# Civility And The Cabe



## sm2501 (Aug 9, 2016)

Here's obviously another hot button topic that has got off track. We have a good conversation about a bike, then somebody offers to buy it and all of a sudden that person is being ripped apart because he might part it out. Bottom line is it is his business to do whatever he wants to do with it. Has nothing to do with this site, and how we have "favorite members". We do our best to monitor the rules, and keep the forum civil. However, when members start bashing other members, that is a rule breaker and we'll delete the thread. Seems pretty easy for me to understand.

As far as parting a bike out, agree or disagree, we all need parts at one time or another. Unless you are buying new old stock parts in the original packaging, you have participated in this practice. I personally have purchased many parts, specifically painted parts to finish a project. Where did I think these came from? Never really thought about it, but certainly came from a parted out bike. Maybe the bike was completely trashed out except for the one part I needed...probably not, so I guess I participated in this process.
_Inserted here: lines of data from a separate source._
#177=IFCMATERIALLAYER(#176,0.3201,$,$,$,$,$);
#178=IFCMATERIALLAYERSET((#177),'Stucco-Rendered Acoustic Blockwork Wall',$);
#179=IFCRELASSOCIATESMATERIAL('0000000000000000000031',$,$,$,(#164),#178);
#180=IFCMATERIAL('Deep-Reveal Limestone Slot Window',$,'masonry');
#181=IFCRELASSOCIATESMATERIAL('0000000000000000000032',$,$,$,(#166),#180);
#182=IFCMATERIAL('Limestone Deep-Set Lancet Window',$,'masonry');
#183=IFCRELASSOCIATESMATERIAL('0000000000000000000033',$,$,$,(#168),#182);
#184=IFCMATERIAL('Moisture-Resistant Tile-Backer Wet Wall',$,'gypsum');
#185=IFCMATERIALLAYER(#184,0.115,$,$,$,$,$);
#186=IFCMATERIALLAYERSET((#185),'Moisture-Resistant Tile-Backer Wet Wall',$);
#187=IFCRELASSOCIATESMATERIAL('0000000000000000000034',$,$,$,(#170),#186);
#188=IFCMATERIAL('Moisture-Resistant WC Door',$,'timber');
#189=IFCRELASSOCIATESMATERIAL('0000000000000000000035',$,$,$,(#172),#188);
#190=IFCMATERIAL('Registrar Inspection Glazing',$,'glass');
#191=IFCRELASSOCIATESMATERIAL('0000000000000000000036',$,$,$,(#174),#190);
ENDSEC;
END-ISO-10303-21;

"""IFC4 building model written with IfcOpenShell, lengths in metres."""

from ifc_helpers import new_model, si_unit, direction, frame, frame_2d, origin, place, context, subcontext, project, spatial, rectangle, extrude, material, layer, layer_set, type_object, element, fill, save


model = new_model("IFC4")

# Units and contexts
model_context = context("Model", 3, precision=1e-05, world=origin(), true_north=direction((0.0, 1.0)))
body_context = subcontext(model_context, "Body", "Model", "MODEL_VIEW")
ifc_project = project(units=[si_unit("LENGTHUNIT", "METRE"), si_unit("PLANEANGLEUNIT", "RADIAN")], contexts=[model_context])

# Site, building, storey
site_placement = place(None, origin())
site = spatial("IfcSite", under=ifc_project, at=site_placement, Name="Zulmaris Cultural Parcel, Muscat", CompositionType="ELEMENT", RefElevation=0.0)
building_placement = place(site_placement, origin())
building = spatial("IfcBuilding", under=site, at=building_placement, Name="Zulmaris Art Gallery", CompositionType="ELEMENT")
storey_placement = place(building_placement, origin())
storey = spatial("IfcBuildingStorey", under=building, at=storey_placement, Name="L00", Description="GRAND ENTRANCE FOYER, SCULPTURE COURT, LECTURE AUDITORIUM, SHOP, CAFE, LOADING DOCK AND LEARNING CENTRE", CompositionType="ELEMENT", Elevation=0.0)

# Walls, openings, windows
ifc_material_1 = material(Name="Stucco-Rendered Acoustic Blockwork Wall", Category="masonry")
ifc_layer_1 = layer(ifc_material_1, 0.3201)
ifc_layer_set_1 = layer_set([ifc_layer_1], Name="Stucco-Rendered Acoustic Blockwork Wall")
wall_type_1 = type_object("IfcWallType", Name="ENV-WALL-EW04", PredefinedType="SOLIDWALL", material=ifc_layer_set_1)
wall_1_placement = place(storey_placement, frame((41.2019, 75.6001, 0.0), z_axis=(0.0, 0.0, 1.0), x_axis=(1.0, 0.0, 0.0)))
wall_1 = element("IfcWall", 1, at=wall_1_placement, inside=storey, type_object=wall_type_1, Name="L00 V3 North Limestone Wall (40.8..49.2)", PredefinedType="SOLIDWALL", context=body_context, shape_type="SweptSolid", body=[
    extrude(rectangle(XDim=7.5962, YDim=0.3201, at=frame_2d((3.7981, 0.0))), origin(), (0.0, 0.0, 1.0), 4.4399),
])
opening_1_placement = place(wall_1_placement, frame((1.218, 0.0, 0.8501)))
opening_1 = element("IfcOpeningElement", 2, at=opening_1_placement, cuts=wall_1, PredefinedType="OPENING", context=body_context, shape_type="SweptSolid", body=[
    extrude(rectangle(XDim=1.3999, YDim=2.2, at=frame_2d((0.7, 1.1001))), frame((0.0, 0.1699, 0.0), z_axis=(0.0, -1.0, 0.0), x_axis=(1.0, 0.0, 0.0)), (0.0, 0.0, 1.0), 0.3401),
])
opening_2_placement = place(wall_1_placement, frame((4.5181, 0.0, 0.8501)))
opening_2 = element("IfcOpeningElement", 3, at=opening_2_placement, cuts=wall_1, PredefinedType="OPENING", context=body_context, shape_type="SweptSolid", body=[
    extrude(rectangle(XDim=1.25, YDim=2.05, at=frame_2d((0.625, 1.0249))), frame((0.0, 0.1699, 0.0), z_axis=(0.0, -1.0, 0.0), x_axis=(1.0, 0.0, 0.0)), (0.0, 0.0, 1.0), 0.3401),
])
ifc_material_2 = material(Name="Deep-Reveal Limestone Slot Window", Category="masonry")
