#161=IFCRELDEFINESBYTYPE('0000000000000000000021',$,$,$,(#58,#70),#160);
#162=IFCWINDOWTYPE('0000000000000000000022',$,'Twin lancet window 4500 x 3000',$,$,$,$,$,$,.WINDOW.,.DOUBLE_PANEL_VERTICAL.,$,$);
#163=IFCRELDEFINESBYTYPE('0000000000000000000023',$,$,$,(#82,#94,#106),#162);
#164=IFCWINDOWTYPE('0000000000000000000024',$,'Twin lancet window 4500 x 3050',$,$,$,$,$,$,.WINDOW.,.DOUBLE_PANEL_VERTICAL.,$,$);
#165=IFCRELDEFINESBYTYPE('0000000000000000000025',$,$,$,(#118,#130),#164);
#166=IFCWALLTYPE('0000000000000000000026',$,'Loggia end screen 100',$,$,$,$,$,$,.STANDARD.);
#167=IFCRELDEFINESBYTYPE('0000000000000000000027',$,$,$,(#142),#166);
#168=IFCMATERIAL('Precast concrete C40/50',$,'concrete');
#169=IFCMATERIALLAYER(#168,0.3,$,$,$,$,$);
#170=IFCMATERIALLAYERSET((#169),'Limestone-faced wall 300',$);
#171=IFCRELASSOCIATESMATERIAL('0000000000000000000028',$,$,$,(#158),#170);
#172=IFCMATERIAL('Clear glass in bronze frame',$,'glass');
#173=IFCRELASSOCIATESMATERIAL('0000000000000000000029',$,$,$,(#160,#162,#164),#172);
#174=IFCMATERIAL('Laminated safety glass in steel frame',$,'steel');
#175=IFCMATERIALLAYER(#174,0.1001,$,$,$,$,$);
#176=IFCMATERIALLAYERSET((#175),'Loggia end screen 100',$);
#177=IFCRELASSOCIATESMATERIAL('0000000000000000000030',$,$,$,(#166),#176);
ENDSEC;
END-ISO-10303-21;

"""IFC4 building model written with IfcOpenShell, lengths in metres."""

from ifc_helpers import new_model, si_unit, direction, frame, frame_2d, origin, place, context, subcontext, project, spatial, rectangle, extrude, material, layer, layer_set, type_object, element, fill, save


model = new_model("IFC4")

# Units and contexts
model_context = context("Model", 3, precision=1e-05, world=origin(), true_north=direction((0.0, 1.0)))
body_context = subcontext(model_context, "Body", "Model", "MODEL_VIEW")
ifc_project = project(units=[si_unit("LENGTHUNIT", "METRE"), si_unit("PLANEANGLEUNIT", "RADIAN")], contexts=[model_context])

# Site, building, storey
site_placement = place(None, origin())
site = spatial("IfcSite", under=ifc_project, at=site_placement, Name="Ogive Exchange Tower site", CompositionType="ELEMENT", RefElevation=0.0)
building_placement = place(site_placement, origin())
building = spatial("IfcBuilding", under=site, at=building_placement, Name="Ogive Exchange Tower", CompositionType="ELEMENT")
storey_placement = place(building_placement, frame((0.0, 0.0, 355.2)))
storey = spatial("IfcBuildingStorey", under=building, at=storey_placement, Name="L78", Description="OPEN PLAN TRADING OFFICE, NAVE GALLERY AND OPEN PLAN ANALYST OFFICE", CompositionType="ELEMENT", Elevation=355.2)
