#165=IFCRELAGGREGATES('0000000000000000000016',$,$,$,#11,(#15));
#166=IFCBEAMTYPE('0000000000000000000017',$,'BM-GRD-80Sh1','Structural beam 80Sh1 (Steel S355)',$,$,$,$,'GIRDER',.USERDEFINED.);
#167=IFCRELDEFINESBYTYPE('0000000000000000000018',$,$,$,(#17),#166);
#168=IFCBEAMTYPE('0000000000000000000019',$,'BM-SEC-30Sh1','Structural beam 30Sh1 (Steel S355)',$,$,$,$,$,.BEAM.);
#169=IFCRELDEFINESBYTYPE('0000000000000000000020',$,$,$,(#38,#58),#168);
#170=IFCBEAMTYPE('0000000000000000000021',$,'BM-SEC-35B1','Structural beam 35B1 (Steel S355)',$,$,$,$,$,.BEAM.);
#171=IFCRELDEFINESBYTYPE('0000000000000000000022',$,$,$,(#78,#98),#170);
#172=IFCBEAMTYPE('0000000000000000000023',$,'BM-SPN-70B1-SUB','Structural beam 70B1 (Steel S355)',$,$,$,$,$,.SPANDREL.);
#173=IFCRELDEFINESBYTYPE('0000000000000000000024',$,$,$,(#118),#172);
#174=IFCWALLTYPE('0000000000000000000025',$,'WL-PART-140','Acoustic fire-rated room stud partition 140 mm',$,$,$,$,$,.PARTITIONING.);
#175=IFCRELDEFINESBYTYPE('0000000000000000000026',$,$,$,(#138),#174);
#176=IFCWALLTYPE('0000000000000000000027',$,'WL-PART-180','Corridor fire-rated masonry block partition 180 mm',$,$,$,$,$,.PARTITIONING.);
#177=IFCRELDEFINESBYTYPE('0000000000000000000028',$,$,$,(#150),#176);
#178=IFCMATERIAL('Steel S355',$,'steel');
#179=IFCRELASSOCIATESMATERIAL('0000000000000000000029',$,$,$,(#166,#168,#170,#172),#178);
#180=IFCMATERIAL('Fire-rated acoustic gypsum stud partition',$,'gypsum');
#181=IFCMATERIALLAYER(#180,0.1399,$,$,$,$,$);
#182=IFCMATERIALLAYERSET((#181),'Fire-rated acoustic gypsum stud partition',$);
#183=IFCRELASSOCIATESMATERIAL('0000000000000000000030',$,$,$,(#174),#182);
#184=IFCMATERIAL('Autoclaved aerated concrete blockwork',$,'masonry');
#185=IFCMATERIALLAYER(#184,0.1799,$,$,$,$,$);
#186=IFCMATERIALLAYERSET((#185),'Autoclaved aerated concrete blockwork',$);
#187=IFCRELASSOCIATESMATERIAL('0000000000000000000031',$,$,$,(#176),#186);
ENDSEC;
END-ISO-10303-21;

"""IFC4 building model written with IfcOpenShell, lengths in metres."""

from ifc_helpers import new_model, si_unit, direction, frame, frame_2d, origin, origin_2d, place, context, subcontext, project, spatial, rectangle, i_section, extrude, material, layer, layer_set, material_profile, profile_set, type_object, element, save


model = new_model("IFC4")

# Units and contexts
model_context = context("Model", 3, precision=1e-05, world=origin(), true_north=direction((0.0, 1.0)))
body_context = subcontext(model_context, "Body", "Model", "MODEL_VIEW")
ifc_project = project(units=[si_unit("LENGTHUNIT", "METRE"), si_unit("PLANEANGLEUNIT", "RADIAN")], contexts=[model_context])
Bottom line is civility is a major rule in MY forum....remember, this is my living room..please be nice and keep negativity to yourself. Save it for the swaps.

Scott McCaskey


----------



## Joe Buffardi (Aug 9, 2016)

Thank you for letting me hang out in your living room.


----------



## tikicruiser (Aug 9, 2016)

If the you look up some of my older posts on the same subject I said basically the same thing.  If you choose to sell a bike and the new owner decide's to part it out, "Get over it!" You sold it, he bought it , it's his he can do whatever he want's to it, end of story!


----------



## szathmarig (Aug 9, 2016)

Agreed, and understood.


----------



## Dan the bike man (Aug 9, 2016)

I agree 100% They buy it they can do as they wish. Can I put my feet on your coffee table?  lol


----------



## ram.1950 (Aug 9, 2016)

You gotta love the bottom line!


----------



## THE STIG (Aug 9, 2016)

if you sold a bike then it was parted ...... you sold it to cheap


----------



## Robertriley (Aug 9, 2016)

Gotcha


----------



## 37fleetwood (Aug 9, 2016)

I think the only concern I ever voiced is that there are certain people who try to buy bikes saying they are going to keep it, and the seller is talked into a sale that he or she would otherwise not be willing to make. I think it's fair to point that out with certain buyers who have a reputation for such tactics.
if I'm wrong I'm wrong, but I think a sale should be on the up and up as it were, if someone is lying about their intent, then it is a legitimate concern.


----------



## mongeese (Aug 9, 2016)

Beer me-


----------



## Sped Man (Aug 9, 2016)

I can't agree more. We must treat each other like we would like to be treated.


----------



## WES PINCHOT (Aug 9, 2016)

BEEN THERE DONE THAT!  

MEANING I HAVE SOLD A BIKE AT ANN ARBOR AND LATER FOUND OUT 
THAT IT WAS  SOLD AGAIN ONLY LATER TO BE PARTED OUT ON THE BAY.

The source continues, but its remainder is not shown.